Poetisches Ausstellungskonzept

Sverre Fehns Poesie begleitet auch die Arbeiten, die in der Ausstellung im Ringturm präsentiert werden. Seine Texte erläutern sozusagen die Bauwerke.

So steht neben dem Einfamilienhaus in Morrköping in Schweden, das er Anfang der 60er Jahre erbaute:

„Du weißt, die Rotunde war ein Scherz, damals als wir das Geheimnis des Horizonts verloren - es war ein Schock für uns alle, als wir erkannten, dass die Welt eine Kugel ist und messbar. So machte ich die Erde zu seinem Labyrinth mit einem einzigen Haus mit vier identischen Fassaden. Wenn man das Haus in Richtung Westen verlässt und die Welt umrundet, geht man wieder auf dieselbe Fassade zu.“

Die Architektur Fehns fügt sich stets harmonisch in die Landschaft ein. Für Adolph Stiller, Leiter der Veranstaltungsreihe Architektur im Ringturm sind die offenen Grundrisse und die Kommunikation mit der Umgebung das Charakteristikum der Arbeit Sverre Fehns.


Gebaute...

Fehns Hauptwerk ist das Hedemark-Museum aus den 60er Jahren, wo Fehn im Innenraum einer großen Scheune ein Museum einrichtete. In einem Flügel sind Reste eines mittelalterlichen Bischofsitzes ausgestellt. Fehn verbindet hier alt und neu auf erfrischende Weise.

„Man muss die Vergangenheit mit der Gegenwart verbinden“, erläutert Fehn seine Verbindung aus Sichtbeton und mittelalterlichem Gemäuer. „Wenn man versucht, die Vergangenheit zu kopieren, kommt alles nur durcheinander“, so Fehn.

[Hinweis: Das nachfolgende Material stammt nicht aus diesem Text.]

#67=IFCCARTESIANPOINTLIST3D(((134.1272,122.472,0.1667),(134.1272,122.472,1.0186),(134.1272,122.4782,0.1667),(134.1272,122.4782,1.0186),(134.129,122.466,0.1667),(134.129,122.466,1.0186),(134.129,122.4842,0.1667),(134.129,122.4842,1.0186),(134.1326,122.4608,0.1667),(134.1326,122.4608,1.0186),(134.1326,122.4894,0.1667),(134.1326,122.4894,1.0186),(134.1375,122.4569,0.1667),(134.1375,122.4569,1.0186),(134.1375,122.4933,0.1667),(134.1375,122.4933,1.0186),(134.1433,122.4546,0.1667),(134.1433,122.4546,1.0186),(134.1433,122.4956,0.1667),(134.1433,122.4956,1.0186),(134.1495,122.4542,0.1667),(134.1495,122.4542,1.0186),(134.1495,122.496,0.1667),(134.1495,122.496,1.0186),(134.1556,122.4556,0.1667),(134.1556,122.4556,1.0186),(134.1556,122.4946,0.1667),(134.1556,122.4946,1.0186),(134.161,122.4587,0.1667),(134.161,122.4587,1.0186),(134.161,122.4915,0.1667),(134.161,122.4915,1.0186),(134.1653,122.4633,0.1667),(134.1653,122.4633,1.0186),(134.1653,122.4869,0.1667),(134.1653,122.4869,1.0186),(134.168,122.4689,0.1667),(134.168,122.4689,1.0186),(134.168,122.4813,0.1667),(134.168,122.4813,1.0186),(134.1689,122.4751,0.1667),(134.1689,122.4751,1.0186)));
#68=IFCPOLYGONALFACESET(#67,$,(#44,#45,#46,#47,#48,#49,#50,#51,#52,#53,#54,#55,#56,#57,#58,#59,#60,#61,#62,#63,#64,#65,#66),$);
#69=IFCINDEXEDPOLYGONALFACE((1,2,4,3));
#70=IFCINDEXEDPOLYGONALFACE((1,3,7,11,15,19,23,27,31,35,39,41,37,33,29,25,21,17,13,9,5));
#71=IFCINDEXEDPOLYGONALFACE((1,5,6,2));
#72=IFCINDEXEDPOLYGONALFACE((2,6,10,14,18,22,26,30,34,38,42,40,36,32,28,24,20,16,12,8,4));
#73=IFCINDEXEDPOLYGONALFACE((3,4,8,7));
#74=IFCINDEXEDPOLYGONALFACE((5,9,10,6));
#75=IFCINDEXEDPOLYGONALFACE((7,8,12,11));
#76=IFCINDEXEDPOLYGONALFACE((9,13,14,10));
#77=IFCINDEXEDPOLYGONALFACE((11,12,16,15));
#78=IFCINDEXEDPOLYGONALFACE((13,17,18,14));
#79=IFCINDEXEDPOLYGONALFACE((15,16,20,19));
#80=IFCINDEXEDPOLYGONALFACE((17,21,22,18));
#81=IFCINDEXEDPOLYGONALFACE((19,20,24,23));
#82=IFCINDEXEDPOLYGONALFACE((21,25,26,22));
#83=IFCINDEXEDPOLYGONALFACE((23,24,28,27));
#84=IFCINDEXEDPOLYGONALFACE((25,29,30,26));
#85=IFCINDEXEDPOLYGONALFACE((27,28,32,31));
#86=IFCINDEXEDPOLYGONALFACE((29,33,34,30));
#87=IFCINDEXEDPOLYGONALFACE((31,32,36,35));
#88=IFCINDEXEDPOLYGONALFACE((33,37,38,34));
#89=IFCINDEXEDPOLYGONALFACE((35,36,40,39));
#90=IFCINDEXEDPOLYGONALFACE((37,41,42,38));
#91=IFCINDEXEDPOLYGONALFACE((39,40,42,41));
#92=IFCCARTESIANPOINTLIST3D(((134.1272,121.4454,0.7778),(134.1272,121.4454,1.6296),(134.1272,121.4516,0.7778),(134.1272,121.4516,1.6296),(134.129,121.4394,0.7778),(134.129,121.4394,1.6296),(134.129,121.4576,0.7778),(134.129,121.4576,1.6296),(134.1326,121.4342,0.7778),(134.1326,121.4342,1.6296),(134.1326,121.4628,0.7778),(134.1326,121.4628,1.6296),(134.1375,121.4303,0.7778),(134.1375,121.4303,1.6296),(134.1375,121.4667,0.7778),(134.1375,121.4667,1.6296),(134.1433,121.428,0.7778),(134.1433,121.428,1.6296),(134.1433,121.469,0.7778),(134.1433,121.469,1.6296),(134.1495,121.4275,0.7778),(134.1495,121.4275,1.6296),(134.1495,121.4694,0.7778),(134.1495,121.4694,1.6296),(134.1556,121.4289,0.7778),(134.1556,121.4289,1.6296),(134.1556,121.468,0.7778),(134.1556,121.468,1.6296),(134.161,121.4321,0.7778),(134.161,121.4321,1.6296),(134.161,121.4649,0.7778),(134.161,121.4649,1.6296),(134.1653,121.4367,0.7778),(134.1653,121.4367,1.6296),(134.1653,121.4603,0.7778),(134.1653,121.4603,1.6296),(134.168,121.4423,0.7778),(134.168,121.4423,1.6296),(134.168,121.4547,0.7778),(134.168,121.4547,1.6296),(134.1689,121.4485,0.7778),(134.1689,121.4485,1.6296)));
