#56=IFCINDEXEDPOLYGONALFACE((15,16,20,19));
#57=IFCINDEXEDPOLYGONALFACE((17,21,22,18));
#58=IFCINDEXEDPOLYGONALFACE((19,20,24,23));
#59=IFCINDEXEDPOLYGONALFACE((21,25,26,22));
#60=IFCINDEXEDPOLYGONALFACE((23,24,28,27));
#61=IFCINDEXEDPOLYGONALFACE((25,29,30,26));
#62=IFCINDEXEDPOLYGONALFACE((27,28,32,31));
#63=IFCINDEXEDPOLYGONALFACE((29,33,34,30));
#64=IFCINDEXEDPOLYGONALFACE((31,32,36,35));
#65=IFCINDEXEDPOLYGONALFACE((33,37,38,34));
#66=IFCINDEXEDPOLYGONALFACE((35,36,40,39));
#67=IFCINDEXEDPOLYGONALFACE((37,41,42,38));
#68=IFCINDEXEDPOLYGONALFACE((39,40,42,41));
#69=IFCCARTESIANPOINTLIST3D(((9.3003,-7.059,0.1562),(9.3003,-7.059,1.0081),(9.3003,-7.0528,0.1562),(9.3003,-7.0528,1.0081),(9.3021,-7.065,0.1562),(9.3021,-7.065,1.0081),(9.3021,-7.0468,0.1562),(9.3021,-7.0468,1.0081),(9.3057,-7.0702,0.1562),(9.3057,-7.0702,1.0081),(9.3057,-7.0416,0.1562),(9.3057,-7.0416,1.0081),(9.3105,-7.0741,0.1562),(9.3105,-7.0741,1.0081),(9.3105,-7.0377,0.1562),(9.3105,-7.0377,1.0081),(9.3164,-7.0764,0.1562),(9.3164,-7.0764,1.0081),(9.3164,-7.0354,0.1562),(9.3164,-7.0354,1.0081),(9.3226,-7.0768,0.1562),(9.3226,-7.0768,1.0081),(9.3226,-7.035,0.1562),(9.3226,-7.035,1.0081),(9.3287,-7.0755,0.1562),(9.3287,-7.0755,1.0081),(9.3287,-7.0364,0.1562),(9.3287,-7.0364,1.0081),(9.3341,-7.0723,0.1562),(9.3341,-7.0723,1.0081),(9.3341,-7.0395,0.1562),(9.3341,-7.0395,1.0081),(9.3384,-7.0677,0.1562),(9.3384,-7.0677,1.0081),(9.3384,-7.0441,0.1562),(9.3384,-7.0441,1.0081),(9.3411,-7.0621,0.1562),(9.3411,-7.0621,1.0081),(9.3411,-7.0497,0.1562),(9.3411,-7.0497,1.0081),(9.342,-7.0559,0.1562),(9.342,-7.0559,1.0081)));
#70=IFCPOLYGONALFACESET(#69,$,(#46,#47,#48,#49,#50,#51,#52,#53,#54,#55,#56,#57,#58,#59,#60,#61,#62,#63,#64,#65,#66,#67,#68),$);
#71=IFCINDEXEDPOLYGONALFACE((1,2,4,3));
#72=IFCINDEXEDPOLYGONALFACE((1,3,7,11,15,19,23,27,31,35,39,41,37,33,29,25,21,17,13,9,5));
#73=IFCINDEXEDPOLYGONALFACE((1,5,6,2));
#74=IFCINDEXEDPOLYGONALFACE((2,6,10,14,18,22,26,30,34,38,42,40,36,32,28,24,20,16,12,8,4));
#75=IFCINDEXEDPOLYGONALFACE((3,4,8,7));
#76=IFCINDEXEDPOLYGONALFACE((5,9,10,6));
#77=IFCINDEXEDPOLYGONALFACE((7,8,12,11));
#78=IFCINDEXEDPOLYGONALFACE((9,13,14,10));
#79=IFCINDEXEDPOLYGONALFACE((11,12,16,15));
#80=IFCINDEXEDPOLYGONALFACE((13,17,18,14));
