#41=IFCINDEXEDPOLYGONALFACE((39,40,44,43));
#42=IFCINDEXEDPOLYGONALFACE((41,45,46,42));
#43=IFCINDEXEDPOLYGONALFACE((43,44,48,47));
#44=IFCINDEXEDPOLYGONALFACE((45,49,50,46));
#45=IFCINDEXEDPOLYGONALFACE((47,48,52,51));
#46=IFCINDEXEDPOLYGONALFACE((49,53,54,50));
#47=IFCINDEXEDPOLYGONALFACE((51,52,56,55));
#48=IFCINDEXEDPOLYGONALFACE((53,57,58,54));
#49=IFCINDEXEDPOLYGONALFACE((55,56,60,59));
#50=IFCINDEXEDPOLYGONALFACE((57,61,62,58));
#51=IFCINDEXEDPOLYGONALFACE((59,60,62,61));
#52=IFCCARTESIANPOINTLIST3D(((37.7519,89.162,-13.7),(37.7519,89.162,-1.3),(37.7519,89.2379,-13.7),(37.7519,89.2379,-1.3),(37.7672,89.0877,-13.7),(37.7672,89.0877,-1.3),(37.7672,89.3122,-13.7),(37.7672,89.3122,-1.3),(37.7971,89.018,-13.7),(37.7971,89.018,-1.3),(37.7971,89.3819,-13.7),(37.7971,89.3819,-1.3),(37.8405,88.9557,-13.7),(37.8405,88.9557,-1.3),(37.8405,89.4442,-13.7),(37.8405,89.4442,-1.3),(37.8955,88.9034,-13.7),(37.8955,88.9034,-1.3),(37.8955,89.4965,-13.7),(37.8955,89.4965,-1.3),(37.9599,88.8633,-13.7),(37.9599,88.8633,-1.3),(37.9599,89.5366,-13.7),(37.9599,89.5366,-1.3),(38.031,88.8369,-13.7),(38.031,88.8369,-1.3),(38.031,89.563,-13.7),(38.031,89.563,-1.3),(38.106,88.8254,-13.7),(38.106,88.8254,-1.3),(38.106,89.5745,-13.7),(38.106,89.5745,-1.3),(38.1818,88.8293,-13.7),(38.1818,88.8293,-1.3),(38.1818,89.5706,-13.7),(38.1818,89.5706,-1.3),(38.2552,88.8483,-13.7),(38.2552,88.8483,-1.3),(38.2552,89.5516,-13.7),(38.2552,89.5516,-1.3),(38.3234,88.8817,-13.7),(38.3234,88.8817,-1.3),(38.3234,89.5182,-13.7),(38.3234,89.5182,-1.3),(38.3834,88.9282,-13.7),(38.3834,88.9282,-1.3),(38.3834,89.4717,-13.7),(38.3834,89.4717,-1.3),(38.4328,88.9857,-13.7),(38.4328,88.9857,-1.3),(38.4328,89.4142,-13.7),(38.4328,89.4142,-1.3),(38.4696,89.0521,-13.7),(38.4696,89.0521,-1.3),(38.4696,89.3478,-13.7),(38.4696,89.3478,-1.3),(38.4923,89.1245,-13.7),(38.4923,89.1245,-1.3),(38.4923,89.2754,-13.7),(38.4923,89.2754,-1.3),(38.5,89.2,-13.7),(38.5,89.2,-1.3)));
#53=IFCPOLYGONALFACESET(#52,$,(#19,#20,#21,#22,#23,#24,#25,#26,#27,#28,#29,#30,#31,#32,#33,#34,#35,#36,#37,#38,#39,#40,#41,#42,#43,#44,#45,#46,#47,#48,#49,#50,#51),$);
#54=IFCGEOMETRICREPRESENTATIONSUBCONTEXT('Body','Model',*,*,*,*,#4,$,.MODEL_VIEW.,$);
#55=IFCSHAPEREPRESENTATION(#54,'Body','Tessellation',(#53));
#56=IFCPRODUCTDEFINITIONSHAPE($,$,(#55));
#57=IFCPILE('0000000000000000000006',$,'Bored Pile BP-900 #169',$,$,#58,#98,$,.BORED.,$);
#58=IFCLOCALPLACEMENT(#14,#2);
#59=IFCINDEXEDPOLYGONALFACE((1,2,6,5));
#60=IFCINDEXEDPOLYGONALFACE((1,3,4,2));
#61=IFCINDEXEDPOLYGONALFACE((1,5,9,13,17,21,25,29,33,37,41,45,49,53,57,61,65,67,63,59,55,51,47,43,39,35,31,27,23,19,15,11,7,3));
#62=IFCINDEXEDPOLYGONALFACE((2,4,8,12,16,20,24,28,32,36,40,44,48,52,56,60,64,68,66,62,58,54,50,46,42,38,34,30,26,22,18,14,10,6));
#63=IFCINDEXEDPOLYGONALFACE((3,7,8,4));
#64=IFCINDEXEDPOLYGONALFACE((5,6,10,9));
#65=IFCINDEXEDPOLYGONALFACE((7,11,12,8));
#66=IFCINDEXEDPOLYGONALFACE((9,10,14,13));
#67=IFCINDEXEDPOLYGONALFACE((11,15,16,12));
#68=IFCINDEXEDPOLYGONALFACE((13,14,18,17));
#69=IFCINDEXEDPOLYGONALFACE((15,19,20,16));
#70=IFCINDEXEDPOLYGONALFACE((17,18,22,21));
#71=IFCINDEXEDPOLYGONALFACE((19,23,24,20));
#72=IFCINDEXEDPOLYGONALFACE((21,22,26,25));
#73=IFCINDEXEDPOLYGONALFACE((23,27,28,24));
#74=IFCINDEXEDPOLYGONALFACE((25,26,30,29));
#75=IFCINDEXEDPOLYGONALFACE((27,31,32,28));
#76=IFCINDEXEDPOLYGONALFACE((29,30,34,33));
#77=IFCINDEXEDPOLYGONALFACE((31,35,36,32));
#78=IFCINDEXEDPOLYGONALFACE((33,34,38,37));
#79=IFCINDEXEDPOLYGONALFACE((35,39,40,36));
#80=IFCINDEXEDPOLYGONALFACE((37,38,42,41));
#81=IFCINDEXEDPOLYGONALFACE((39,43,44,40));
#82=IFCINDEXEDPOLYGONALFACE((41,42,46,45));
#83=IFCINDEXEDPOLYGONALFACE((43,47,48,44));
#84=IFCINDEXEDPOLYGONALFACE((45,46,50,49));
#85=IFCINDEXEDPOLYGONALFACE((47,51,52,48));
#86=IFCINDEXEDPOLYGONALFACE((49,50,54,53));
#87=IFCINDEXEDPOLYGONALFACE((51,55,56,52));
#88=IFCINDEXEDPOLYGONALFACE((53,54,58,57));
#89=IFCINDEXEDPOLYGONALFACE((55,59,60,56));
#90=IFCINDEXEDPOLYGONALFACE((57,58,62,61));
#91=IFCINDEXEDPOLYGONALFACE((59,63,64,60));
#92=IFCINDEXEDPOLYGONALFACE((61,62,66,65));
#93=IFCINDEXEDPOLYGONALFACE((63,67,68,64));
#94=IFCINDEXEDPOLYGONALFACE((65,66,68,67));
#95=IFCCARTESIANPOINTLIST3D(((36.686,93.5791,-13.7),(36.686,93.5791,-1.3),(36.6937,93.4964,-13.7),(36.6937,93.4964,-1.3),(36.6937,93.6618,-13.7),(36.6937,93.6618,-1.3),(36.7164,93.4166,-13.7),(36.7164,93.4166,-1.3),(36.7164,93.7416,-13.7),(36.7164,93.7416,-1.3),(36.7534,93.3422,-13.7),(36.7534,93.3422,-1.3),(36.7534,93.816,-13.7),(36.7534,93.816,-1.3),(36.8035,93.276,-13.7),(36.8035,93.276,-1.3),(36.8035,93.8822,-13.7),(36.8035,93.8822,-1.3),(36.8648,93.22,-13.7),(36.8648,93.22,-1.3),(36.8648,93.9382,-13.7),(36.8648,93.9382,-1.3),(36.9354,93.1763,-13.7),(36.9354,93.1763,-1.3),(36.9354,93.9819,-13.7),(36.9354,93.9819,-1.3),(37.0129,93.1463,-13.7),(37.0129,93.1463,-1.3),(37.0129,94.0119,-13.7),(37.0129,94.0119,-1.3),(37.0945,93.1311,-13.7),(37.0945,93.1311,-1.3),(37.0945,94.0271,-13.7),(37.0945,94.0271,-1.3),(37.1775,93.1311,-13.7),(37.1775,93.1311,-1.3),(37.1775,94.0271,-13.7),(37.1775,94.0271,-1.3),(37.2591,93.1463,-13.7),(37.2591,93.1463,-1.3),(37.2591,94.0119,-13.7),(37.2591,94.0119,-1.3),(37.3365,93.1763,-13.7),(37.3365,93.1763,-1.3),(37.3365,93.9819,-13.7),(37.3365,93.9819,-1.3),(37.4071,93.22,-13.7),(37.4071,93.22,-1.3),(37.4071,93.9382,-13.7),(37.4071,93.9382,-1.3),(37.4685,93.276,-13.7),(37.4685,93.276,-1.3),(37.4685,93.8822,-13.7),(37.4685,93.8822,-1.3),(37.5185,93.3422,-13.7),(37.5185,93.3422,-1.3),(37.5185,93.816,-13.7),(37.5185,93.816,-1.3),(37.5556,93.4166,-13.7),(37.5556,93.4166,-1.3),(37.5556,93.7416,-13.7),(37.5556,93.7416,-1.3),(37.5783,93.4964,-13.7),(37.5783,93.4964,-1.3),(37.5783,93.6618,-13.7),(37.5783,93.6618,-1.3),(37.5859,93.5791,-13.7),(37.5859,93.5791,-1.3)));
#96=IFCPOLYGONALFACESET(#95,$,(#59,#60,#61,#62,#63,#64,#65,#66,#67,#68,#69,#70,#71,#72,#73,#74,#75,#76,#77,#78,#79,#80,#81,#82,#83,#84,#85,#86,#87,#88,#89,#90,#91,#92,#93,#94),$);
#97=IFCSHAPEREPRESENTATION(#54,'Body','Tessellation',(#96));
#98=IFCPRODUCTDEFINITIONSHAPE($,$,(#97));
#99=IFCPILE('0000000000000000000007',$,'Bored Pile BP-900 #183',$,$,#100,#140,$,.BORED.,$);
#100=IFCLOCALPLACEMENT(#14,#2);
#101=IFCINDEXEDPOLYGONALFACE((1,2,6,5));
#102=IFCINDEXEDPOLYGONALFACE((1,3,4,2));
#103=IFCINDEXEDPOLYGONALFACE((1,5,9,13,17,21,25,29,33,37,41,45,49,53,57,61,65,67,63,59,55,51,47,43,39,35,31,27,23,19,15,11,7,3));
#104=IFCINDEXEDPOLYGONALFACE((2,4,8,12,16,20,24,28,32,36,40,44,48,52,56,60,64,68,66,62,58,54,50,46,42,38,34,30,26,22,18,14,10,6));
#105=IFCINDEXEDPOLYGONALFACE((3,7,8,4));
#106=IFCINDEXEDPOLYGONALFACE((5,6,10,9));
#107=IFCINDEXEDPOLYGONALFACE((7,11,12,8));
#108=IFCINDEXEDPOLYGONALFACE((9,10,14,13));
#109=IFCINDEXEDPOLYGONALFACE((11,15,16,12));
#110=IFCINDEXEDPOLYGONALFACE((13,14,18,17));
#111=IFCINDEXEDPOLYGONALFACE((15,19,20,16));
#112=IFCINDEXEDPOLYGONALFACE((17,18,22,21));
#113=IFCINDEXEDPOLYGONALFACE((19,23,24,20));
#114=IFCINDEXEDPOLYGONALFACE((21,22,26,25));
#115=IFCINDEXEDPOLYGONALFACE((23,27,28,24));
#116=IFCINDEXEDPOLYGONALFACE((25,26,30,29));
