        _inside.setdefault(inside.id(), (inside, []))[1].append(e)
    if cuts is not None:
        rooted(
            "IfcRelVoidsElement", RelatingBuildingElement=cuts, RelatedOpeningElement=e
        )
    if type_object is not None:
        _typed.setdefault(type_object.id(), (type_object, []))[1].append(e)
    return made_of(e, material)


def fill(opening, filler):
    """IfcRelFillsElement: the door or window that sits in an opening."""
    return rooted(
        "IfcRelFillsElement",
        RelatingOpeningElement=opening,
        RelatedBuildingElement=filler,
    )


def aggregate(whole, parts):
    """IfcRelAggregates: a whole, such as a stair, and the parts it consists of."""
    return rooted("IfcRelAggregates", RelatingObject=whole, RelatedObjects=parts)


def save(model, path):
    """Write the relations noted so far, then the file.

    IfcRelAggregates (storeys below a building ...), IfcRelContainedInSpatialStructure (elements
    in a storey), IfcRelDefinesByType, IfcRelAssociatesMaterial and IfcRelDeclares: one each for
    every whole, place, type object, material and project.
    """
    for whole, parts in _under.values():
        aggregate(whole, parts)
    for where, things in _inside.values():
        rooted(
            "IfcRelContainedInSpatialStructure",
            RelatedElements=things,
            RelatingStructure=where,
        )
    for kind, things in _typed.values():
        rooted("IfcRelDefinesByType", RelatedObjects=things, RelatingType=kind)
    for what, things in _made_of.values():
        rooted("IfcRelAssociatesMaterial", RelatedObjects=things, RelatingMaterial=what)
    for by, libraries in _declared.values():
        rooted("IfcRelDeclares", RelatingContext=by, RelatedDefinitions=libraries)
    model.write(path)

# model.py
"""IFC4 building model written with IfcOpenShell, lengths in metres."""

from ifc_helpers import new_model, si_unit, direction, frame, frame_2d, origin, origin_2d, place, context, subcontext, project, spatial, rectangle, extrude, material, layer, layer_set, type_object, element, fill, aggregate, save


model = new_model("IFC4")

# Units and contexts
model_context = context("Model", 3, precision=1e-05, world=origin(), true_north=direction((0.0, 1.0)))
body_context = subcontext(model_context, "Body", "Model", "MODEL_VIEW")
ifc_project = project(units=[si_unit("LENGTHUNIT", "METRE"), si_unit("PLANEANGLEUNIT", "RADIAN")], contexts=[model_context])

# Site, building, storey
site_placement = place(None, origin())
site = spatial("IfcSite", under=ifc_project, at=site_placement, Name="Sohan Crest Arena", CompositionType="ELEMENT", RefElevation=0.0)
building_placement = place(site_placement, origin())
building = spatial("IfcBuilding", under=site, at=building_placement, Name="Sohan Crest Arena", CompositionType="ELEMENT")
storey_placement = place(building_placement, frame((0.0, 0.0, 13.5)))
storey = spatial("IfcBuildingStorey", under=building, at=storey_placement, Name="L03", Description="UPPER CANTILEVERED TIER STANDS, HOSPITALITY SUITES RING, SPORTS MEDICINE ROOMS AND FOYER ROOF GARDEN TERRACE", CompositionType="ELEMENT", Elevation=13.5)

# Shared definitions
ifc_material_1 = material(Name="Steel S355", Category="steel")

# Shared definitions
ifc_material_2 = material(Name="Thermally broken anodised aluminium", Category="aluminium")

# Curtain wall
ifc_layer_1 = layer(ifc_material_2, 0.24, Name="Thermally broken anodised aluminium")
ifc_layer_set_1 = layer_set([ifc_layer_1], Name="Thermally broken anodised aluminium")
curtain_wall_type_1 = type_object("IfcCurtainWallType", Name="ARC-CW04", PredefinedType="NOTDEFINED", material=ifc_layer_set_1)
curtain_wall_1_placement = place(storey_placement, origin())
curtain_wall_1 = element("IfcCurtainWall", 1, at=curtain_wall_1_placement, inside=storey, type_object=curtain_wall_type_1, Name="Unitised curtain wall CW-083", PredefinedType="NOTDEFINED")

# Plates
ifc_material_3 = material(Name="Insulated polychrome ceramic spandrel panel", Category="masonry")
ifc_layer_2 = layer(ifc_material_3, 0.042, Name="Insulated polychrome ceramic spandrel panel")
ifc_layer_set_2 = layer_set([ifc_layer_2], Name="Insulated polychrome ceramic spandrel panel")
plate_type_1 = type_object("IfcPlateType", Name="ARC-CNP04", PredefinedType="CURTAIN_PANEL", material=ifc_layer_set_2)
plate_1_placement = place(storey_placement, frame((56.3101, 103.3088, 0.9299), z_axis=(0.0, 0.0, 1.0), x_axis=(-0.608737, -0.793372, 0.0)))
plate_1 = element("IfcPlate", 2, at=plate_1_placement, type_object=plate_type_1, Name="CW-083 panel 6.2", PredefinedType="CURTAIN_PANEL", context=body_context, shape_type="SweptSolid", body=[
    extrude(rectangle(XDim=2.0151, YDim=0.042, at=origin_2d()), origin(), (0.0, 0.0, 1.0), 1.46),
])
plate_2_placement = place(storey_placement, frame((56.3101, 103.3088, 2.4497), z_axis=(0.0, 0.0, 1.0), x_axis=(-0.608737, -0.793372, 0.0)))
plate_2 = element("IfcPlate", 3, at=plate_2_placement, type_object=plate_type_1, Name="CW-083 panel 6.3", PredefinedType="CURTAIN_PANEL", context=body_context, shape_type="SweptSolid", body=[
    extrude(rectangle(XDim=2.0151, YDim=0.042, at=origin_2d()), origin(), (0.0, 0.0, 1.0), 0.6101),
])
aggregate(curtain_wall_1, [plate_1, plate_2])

...und ungebaute Architektur

In der Ausstellung zu sehen sind auch zahlreiche Projekte, mit denen Sverre Fehns Wettbewerbe gewann, ohne die Entwürfe umsetzen zu können. So zum Beispiel der Erweiterungsbau für das königliche Museum in Kopenhagen. Diesen Wettbewerb gewann Fehn 1997, dem Jahr als er auch den Pritzker-Preis erhielt. Ein weiteres Beispiel ist das Theater im Herzen Kopenhagens, das bis heute nicht gebaut wurde.

„Es war zu radikal und zu modern für das dänische Volk. Außerdem ist es wirklich im Herzen der Stadt“, gesteht Fehn zu. Drei Jahre wogte die öffentliche Diskussion dahin, bis Fehn ein 36 Meter hohes 1:1 Modell errichtete. „Aber es war nicht so leicht für die Leute, das Projekt zu akzeptieren. Sie streiten noch heute...“.


[Tipp:
Die gebauten und ungebauten Projekte von Sverre Fehn sind bis zum 29. Juni 2001 im Wiener Ringturm zu sehen.]